Kimberly McMahon, public weather services program manager for the National Weather Service, said the online tool, known as HeatRisk, was developed in response to a 2013 request from the California Office of Emergency Services. It pulls in a broader array of climate data, including unusually high and low forecasted temperatures, the degree of cooling overnight and health data to account for populations that are more vulnerable to the heat.
The tool, however, is labeled as “experimental” and described as “supplementary to the official NWS heat watch/warning/advisory program.”
McMahon said the weather service is working to simplify its messaging on the dangers of extreme heat as part of a “comprehensive strategy for conveying life-saving heat information.”
Researchers and health experts favor a more expansive alert system that warns the public about heat waves not only based on temperature thresholds but also on the public health impacts they’re expected to cause, particularly to the elderly and infirm, outdoor workers and other sensitive populations.
“We know heat puts health at risk in vulnerable people well below temperatures that a heat alert would be given,” said Dr. Aaron Bernstein, a pediatrician at the Harvard T.H. Chan School of Public Health.
In some areas it does not take record-setting temperatures, or even summer weather, for the heat to be lethal. Southern California is the only place in the U.S. where scientists have documented heat-related deaths during the winter, due to the hot, gusty Santa Ana winds. Though rare, these unseasonal heat waves are believed to be especially dangerous because they strike at a time when people are accustomed to cooler weather.

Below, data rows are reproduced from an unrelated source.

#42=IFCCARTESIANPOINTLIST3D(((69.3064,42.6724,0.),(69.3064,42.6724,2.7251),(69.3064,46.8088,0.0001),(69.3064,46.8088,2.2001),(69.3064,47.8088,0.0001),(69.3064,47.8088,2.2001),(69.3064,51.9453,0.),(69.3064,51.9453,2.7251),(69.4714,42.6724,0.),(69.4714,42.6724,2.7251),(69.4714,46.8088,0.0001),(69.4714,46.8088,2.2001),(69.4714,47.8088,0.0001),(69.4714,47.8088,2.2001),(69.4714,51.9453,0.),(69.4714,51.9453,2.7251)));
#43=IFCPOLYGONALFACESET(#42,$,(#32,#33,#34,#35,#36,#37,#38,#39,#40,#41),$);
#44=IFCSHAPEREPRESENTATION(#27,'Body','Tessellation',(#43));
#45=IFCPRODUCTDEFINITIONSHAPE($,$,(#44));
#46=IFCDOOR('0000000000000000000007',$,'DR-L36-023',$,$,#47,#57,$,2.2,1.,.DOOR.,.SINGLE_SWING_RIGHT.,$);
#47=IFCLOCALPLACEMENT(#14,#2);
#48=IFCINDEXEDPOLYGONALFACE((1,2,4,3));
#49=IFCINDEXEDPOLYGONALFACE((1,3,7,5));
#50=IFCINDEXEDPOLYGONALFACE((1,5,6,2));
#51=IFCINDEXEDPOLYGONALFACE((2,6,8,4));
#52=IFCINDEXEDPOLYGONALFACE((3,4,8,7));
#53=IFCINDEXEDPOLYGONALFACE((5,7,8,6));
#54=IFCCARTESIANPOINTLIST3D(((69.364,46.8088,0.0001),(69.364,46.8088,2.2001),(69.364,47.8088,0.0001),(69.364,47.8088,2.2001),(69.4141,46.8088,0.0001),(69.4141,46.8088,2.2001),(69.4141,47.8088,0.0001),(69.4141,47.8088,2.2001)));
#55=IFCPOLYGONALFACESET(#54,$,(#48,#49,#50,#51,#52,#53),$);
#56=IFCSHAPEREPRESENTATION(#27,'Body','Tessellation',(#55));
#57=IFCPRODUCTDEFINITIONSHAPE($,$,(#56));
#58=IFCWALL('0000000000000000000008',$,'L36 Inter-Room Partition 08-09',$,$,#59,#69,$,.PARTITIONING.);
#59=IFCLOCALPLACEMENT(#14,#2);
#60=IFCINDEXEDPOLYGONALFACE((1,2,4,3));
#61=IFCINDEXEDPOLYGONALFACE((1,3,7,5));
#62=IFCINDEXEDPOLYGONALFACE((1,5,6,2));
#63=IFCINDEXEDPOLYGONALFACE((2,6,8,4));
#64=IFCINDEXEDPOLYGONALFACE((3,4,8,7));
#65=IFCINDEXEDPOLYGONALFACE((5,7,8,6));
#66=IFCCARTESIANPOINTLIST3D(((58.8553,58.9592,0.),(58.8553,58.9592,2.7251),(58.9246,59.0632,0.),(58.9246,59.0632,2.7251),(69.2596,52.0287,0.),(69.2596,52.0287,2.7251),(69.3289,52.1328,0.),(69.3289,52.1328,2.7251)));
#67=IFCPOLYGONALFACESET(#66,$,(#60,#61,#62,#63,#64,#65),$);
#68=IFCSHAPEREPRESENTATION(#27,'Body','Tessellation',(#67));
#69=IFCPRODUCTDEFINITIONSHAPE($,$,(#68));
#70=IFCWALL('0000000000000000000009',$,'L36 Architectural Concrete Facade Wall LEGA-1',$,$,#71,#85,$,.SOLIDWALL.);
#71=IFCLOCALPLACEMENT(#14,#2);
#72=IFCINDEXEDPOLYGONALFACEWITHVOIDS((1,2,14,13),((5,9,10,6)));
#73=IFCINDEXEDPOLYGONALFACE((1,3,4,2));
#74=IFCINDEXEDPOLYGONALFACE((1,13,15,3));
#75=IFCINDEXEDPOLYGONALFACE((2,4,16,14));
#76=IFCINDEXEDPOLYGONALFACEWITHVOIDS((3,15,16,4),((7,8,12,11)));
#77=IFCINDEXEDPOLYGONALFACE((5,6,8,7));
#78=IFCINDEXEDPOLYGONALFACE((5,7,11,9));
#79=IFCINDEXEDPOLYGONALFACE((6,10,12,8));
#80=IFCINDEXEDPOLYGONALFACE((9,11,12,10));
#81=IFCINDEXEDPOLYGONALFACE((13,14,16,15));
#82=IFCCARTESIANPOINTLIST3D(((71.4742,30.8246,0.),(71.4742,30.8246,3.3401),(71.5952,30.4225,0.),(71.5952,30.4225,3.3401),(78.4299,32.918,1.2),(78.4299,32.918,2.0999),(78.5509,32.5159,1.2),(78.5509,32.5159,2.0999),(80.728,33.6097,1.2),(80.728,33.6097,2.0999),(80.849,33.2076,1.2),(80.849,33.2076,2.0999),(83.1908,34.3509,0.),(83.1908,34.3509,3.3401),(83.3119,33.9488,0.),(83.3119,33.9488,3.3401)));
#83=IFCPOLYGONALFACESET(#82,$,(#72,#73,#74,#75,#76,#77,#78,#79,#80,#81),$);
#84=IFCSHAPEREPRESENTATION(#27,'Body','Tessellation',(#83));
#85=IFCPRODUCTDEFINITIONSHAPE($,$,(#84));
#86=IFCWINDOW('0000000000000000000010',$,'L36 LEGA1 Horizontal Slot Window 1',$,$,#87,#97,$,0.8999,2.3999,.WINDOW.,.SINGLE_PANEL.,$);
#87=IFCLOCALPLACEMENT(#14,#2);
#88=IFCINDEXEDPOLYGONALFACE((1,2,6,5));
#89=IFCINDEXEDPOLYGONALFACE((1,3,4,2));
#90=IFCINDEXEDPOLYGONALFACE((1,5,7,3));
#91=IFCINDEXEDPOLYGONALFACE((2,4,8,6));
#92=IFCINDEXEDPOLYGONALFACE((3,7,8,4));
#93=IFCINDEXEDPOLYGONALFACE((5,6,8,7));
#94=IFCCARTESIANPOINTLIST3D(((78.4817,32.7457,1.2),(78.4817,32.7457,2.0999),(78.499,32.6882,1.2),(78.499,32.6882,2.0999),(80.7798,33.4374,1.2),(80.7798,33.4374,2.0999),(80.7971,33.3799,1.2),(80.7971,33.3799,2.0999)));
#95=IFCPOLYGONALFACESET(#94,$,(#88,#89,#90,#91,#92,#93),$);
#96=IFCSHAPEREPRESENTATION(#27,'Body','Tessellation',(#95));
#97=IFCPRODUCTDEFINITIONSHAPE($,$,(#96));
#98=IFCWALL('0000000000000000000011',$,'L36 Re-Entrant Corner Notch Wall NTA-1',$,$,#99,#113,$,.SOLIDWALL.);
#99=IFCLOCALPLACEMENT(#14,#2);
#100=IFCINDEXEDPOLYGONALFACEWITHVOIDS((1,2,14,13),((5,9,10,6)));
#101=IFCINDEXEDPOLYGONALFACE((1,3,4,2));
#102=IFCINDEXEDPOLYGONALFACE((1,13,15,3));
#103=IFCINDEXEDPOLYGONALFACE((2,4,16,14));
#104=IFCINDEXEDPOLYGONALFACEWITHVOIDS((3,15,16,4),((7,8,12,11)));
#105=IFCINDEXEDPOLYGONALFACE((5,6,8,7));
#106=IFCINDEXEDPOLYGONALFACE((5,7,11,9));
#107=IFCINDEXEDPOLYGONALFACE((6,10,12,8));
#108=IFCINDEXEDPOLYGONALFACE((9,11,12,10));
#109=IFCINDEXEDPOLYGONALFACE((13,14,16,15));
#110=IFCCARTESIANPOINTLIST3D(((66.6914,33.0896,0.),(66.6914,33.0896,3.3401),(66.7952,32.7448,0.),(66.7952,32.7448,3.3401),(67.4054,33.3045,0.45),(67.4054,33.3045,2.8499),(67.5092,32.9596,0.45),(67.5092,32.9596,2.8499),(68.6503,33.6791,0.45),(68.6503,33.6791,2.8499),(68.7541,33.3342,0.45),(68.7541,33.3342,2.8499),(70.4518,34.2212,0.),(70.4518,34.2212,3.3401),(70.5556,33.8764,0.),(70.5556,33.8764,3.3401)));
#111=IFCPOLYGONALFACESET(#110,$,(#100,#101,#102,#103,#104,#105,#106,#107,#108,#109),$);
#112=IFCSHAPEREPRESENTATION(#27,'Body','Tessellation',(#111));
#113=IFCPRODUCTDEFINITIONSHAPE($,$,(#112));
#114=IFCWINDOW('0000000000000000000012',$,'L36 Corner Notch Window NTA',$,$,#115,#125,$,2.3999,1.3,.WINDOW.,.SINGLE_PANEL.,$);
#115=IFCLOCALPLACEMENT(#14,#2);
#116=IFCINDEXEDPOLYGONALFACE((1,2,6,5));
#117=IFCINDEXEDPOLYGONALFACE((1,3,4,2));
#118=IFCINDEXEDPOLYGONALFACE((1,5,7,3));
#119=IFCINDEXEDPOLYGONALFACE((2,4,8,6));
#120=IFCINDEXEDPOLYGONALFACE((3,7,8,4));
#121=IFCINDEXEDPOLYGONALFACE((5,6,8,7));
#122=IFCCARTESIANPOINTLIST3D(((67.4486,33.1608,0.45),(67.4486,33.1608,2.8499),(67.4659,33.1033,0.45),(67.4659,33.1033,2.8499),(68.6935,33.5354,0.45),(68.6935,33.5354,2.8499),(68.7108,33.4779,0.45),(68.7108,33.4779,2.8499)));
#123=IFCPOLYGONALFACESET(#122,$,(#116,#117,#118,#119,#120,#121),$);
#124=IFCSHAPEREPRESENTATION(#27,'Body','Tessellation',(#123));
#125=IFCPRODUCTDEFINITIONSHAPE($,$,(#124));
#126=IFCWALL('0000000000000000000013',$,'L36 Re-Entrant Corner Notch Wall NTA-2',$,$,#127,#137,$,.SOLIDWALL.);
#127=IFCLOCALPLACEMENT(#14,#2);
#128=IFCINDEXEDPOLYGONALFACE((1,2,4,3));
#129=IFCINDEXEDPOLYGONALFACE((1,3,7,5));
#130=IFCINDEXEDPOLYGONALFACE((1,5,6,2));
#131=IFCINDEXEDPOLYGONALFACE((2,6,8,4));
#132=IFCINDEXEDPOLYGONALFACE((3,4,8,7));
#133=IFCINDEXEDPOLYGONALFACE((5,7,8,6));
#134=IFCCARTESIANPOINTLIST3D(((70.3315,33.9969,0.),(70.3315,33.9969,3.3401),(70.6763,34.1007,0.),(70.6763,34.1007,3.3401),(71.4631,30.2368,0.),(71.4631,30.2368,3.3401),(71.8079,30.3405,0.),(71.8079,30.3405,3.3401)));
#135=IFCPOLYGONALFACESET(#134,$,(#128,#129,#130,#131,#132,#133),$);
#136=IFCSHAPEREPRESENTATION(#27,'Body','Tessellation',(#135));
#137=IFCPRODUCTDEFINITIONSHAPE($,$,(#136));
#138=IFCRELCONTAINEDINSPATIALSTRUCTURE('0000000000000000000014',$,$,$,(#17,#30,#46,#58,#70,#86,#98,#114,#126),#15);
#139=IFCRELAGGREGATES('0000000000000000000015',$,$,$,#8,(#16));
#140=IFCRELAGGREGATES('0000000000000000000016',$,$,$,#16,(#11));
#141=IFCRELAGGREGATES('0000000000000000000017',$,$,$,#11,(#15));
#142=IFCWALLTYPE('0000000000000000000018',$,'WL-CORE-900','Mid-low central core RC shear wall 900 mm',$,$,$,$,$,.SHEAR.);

The temperature at which heat becomes life-threatening also varies widely depending on local variables.
In San Francisco, where the climate is usually mild, and relatively few people have air conditioning, a heat wave during the 2017 Labor Day weekend that reached a record-breaking 106 degrees — 37 degrees above average — doubled the volume of 911 calls and killed several residents. The same temperature has far less dramatic impacts in a place such as Palm Springs, where air conditioning is widespread and people are more acclimated to triple-digit temperatures.
Baughman McLeod — who directs the Atlantic Council’s Adrienne Arsht-Rockefeller Foundation Resilience Center — said her organization is developing a system to assign heat waves names and categories, an effort aimed at pushing individuals and government officials to take the threat of extreme heat more seriously.
L.A. County and Miami-Dade County are among the first cohort of communities where the group hopes to test such alerts.
Issuing names for heat waves at a national level would ultimately require the participation of the federal government, but for now, the National Weather Service “does not have any plans to start naming heat waves,” spokeswoman Jasmine Blackwell said.